Bob Daggett

Jim Sykes

Retail: Love It?

Corrections or additions?

This article by Dina Weinstein was prepared for the October 25,

2000 edition of U.S. 1 Newspaper. All rights reserved.

U-Store: Keeping the Colors

by Dina Weinstein

It’s a little bit of Macy’s, a little bit of Urban

Outfitters, a little bit of Radio Shack, a little bit of Barnes &

Noble, a little bit of CVS, and a whole lot of orange and black. At

Princeton University, the campus bookstore — the Princeton

University

store — has just completed a $2 million renovation aimed at

creating

a brighter atmosphere, a better layout, and more merchandise.

Management

at the 40,000-square-foot store at 36 University Place, known as the

"U-Store," hopes the changes create a more inviting location

for the community to shop as well.

"We did research in 1997 on how people felt about the set up of

the store and what they wanted," says James R. Sykes, the U-Store

president and CEO. "We asked students, staff, faculty, alumni,

and townspeople. And the results were that nobody knew what was inside

the store. There were a lot of walls."

This summer the store shut down and construction workers knocked down

those walls to create big spaces. Merchandise is situated to create

a "race track" layout, leading customers in a circular pattern

around the store, exposing them to more products. Administrative

offices,

stockrooms, and the receiving area have been moved to the basement.

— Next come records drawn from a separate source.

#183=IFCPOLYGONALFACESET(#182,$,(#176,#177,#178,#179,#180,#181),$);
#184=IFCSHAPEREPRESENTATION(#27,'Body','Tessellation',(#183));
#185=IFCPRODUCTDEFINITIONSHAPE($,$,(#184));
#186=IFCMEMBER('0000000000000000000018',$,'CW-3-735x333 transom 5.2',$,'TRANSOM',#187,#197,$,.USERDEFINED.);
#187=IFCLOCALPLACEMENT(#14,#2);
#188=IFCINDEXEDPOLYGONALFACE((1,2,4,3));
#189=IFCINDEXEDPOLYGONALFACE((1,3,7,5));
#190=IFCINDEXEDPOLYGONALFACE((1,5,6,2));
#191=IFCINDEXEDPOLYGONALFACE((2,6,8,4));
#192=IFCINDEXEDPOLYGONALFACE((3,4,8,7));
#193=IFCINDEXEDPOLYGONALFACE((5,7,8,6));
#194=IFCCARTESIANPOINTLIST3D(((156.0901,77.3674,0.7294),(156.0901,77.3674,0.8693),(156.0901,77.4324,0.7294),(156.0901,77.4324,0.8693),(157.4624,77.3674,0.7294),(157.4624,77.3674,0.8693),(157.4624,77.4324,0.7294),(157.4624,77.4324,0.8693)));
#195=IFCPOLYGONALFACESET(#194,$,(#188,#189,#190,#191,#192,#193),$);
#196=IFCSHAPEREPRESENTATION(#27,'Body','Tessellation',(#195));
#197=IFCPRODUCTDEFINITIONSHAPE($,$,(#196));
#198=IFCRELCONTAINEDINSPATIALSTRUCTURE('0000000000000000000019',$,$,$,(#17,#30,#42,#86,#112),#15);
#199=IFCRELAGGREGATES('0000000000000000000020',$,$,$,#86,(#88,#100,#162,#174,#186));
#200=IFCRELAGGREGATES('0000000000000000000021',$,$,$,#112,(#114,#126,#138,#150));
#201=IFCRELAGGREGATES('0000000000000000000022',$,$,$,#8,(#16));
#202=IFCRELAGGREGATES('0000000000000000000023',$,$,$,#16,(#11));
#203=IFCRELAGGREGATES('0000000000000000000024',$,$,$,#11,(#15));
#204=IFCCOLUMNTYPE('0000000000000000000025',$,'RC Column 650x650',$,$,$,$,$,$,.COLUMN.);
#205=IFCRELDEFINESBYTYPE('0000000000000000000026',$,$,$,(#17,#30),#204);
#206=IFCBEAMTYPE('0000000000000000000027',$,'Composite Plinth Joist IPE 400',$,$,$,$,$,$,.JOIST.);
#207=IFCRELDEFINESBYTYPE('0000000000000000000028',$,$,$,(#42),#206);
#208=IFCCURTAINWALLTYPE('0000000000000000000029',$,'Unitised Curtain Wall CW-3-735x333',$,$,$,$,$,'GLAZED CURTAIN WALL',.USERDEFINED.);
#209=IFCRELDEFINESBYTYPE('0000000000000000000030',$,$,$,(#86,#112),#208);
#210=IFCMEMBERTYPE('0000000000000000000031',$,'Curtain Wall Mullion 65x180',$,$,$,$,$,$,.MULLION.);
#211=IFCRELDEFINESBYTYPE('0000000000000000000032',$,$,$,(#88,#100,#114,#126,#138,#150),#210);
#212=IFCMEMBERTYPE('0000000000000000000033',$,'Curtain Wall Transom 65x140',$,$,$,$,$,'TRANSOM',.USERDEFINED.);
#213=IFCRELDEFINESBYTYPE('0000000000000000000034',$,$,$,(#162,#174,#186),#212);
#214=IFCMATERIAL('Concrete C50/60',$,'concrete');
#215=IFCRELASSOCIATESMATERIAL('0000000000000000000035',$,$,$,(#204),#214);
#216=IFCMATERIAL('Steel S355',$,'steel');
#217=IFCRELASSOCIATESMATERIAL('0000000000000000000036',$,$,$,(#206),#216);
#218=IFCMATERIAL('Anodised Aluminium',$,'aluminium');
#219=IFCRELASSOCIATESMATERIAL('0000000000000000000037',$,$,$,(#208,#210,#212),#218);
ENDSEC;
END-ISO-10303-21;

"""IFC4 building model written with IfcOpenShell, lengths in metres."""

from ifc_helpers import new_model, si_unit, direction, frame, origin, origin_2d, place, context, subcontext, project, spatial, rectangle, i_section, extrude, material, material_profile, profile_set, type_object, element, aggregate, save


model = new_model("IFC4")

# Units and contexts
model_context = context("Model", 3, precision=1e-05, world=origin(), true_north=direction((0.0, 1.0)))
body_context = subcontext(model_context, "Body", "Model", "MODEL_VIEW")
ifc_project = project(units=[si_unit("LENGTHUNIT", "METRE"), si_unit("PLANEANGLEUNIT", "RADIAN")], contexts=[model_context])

Apparel is on the second floor, as before, but books have been moved

from the first to the third floor. Items for campus living went from

the basement to the first floor.

Sykes, who has headed the institution for four years, says the board

of directors realized a renovation was long overdue when they

interviewed

candidates for the CEO’s job and heard every one of them recommend

drastic changes. "It really became apparent to them that the store

was run down," says Sykes. The store faced that problem in

addition

to the common retailing challenge of competition (especially from

big box bookstores on Route 1), and it had other special

circumstances,

imposed by the university.

Sykes was offered a quick fix when he had been on the

job only two weeks. In October, 1996, Barnes & Noble approached

him, asking if he would like the chain to run the campus store as

they do at a number of colleges. Barnes & Noble claimed it would have

generated hundreds of thousands of additional dollars per year, says

Sykes. But after four months the board rejected the offer, thinking

it could be more responsive to local control and interests. "The

ability to make the store unique to Princeton was more highly valued

than the money," Sykes says. "Rather than having a chain

environment,

we could tailor the assortment to Princeton."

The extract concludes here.